Hong and his colleague Professor Wencong Su are leading a new project that’s aiming to ensure that door has high quality locks — and can quickly be shut again if malicious actors manage to squeeze through. Funded by a new grant from the U.S. Department of Energy, and partnering with collaborators that include Virginia Tech, GE and Atlanta-based utility Southern Company, Hong’s team is aiming to create a novel cybersecurity system that can help utilities detect and mitigate cyberattacks at substations, with minimal disruption to service. That “minimal disruption” part is vital — and one of the things that makes the project such a tricky cybersecurity challenge. With many other types of systems, when operators detect a threat, they can usually just shut down a system to mitigate further damage while they deploy a solution. “This is why when your bank account is compromised, your bank may lock your account for a few days while they issue you a new debit card. That’s inconvenient, but it’s not the end of the world,” Hong says. Shutting a power system down for a few days every time there's an attack, however, is obviously not a desirable solution. This is why Hong’s system will attempt to detect threats as they’re happening and automatically deploy mitigation strategies. That could keep the grid running with disruptions that are measured in minutes rather than days.
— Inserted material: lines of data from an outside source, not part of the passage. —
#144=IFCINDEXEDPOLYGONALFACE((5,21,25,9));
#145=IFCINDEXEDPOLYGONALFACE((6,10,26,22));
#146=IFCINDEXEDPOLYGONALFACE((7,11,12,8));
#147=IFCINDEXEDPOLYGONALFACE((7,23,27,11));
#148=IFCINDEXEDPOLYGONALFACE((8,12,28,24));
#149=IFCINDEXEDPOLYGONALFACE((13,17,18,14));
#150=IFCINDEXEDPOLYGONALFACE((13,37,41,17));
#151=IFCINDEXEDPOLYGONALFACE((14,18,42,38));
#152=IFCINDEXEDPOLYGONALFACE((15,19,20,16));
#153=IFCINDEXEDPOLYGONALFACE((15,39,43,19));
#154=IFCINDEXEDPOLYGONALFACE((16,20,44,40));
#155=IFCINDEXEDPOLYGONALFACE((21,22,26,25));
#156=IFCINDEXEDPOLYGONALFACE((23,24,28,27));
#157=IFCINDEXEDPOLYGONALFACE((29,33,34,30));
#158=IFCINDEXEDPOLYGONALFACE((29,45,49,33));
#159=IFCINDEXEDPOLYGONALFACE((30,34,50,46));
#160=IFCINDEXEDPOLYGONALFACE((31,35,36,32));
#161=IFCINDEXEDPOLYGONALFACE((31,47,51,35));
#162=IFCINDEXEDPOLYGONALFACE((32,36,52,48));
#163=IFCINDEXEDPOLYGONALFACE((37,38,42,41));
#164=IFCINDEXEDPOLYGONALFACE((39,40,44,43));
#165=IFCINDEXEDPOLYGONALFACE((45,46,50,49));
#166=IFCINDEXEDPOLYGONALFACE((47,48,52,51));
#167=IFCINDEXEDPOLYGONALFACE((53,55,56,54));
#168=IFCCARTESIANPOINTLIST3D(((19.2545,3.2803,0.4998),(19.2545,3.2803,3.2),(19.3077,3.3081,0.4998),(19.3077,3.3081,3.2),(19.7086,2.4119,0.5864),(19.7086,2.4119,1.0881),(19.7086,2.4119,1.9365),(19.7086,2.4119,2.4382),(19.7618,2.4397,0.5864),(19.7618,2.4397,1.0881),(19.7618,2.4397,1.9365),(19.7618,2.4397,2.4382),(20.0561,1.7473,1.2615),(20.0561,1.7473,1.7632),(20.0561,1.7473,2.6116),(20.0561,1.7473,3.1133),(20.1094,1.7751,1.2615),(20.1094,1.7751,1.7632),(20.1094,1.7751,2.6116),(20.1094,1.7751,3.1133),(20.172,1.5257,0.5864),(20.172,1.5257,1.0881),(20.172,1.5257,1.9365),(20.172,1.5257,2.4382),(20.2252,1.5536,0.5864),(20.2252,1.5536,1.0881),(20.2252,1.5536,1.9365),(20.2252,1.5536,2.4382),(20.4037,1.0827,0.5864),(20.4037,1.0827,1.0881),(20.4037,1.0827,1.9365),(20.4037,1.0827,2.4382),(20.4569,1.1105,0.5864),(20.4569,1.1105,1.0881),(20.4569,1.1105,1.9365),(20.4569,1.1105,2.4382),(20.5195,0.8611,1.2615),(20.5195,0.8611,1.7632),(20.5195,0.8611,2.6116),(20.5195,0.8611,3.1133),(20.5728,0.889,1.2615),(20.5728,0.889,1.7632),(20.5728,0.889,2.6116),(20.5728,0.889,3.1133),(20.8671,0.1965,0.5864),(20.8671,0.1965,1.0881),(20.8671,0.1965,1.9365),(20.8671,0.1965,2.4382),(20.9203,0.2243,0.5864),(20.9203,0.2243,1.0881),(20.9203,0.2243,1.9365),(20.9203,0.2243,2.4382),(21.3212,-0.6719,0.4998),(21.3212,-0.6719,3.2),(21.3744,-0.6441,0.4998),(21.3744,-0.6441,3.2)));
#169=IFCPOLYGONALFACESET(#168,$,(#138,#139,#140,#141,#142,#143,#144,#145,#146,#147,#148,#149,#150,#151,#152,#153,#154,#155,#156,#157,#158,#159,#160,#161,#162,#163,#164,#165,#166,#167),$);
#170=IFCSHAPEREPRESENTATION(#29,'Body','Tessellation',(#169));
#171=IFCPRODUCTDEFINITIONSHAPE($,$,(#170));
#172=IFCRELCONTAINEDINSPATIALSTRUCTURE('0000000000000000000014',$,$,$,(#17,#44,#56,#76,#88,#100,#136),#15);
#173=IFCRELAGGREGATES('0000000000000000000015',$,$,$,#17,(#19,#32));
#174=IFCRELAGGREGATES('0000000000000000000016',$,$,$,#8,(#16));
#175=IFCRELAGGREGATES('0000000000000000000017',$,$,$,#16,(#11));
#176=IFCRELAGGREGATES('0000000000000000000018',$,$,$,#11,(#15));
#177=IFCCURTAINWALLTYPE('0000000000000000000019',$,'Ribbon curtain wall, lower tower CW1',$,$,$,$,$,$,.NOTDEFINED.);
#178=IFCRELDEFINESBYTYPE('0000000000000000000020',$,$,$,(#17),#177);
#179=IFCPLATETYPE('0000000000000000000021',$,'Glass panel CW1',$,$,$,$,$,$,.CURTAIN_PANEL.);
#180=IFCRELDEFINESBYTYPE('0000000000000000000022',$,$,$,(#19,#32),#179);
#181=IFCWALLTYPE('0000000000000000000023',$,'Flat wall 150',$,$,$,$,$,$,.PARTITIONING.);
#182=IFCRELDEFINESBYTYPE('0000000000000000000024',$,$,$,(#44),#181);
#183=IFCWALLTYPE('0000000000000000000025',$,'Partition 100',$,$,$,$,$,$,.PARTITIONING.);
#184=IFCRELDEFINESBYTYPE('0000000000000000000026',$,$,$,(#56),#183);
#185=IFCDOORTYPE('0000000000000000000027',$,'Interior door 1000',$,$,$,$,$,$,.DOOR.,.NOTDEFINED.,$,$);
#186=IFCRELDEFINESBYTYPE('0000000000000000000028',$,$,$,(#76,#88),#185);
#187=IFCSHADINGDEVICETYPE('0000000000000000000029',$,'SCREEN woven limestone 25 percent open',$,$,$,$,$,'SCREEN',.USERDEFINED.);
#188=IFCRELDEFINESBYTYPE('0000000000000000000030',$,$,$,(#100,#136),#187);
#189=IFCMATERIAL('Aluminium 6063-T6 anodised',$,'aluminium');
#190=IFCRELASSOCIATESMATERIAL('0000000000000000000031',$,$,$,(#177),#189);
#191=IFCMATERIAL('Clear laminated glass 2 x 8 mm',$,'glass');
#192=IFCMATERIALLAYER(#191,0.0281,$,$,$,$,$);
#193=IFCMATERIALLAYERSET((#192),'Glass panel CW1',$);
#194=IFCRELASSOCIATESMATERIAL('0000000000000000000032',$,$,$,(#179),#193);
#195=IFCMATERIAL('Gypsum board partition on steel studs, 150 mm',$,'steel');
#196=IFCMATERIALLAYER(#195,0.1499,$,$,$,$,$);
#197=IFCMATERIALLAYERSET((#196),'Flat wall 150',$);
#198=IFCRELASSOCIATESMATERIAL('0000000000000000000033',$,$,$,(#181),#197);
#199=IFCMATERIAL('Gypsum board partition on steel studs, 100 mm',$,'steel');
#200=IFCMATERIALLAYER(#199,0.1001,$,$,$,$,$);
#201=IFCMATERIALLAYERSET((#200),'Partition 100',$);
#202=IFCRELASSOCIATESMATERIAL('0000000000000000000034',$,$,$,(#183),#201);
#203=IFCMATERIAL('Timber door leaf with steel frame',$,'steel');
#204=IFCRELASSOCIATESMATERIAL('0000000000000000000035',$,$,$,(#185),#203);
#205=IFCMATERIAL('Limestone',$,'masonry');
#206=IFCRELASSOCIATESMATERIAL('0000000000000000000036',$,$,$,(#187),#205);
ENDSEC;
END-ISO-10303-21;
For security reasons, Hong can’t go into detail about how their system will do that. But as with many next-generation cybersecurity solutions, he plans to use a machine learning threat detection system that’s based on the principle of anomaly detection. In a nutshell, the machine learning system will constantly monitor the substation’s computer network, which over time, will allow the system to develop a sense of what usual network activity looks like. Once it’s built up a background picture of what “normal” is, it can then identify anomalous activity that could be a threat. If the system detects an attack, it can deploy automated mitigation strategies in real time, which will keep power flowing steadily across the grid.
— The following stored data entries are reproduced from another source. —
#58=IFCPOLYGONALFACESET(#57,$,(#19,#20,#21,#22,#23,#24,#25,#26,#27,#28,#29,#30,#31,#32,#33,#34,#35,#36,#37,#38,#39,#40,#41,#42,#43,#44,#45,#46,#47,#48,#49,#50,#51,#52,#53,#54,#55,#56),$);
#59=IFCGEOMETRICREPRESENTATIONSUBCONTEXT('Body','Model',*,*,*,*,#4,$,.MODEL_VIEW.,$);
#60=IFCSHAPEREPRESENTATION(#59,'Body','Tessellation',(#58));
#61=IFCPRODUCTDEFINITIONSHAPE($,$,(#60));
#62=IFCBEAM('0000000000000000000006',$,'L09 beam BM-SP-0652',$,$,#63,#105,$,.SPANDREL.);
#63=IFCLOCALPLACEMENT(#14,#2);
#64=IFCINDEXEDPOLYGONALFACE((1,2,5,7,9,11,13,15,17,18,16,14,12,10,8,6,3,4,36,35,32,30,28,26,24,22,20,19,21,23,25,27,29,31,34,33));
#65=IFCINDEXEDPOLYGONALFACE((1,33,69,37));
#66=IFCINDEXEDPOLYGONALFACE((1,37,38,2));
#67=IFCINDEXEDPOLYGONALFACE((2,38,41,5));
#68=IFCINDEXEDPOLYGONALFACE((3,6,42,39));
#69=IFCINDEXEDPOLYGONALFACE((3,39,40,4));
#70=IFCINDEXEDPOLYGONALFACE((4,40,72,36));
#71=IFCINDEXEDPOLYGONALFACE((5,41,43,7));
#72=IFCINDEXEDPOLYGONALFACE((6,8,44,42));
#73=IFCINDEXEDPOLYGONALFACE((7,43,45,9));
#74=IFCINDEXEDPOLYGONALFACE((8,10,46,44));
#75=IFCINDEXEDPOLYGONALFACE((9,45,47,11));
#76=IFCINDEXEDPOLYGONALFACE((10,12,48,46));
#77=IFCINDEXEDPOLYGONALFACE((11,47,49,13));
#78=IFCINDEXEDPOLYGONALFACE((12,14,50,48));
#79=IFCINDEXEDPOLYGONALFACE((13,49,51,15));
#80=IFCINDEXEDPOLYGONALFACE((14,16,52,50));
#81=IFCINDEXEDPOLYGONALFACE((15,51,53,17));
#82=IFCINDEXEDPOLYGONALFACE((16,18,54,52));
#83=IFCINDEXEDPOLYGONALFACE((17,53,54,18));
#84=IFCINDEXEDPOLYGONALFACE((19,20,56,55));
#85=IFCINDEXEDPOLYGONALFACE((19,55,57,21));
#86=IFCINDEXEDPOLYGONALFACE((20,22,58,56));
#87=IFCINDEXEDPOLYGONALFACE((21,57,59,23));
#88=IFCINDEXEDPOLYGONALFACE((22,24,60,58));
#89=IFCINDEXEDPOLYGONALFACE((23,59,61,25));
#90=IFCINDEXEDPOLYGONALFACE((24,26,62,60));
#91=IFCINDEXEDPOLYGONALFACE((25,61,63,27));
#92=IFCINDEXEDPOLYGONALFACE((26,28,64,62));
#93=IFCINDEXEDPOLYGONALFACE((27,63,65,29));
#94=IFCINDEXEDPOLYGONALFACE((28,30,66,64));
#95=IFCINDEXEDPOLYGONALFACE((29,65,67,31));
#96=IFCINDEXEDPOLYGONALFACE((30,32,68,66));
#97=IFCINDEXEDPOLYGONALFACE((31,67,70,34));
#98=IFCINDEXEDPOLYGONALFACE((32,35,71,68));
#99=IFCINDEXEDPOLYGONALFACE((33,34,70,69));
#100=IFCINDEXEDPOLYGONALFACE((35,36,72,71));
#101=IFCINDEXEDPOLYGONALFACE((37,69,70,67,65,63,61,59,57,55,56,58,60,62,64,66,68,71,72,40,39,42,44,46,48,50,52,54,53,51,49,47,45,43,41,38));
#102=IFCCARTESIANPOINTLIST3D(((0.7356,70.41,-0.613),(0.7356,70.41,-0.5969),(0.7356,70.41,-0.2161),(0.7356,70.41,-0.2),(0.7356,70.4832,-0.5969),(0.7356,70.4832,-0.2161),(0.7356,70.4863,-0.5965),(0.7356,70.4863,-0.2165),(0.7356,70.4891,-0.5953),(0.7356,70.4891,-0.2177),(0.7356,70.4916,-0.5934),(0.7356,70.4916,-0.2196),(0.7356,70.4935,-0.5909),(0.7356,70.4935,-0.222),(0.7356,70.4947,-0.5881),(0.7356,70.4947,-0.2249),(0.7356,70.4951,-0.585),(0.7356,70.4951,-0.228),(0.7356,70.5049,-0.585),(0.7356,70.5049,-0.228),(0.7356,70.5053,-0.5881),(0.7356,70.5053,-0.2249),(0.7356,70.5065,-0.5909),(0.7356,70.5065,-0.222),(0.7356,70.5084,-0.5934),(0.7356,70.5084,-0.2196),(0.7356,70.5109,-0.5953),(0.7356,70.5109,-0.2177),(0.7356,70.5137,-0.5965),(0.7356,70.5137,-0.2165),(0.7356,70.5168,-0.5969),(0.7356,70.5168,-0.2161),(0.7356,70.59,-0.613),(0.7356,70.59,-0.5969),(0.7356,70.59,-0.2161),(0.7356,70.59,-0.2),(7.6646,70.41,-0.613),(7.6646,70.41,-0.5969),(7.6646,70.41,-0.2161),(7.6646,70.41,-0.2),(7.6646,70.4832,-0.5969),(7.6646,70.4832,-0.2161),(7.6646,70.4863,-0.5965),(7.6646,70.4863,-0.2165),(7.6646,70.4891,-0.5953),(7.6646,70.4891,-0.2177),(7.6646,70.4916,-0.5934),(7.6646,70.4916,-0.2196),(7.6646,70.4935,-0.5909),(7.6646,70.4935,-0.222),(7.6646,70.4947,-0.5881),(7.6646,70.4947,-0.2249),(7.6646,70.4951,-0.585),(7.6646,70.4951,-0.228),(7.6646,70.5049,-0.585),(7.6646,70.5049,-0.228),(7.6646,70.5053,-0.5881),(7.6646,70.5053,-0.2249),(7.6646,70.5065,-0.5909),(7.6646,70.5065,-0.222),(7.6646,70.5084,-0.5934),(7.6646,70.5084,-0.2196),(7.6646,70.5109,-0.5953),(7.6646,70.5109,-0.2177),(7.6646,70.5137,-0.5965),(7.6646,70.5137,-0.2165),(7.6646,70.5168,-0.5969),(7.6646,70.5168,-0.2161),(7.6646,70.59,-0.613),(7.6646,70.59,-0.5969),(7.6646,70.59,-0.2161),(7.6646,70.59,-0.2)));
Hong says building up that profile of normal substation network activity will be one of the most challenging parts of the project, and his team’s industry partners will play a crucial role. To develop their intelligence, machine learning algorithms need to be exposed to vast quantities of high-quality data. In this case, the preferable data set is real-world information coming from actual utility substation networks, which for obvious reasons, isn’t a data set that’s publicly available. So to initially develop their algorithms, Hong will use a test bed at UM-Dearborn that simulates the utility network’s hardware and software systems. Then, once they’ve developed their prototype algorithms, they’ll further refine them by testing them on the real-word substation networks of their industry partners. Researchers don’t always get the benefit of this kind of testing, but with this realistic training environment, Hong expects the algorithms to be more effective at detecting anomalies and potential threats.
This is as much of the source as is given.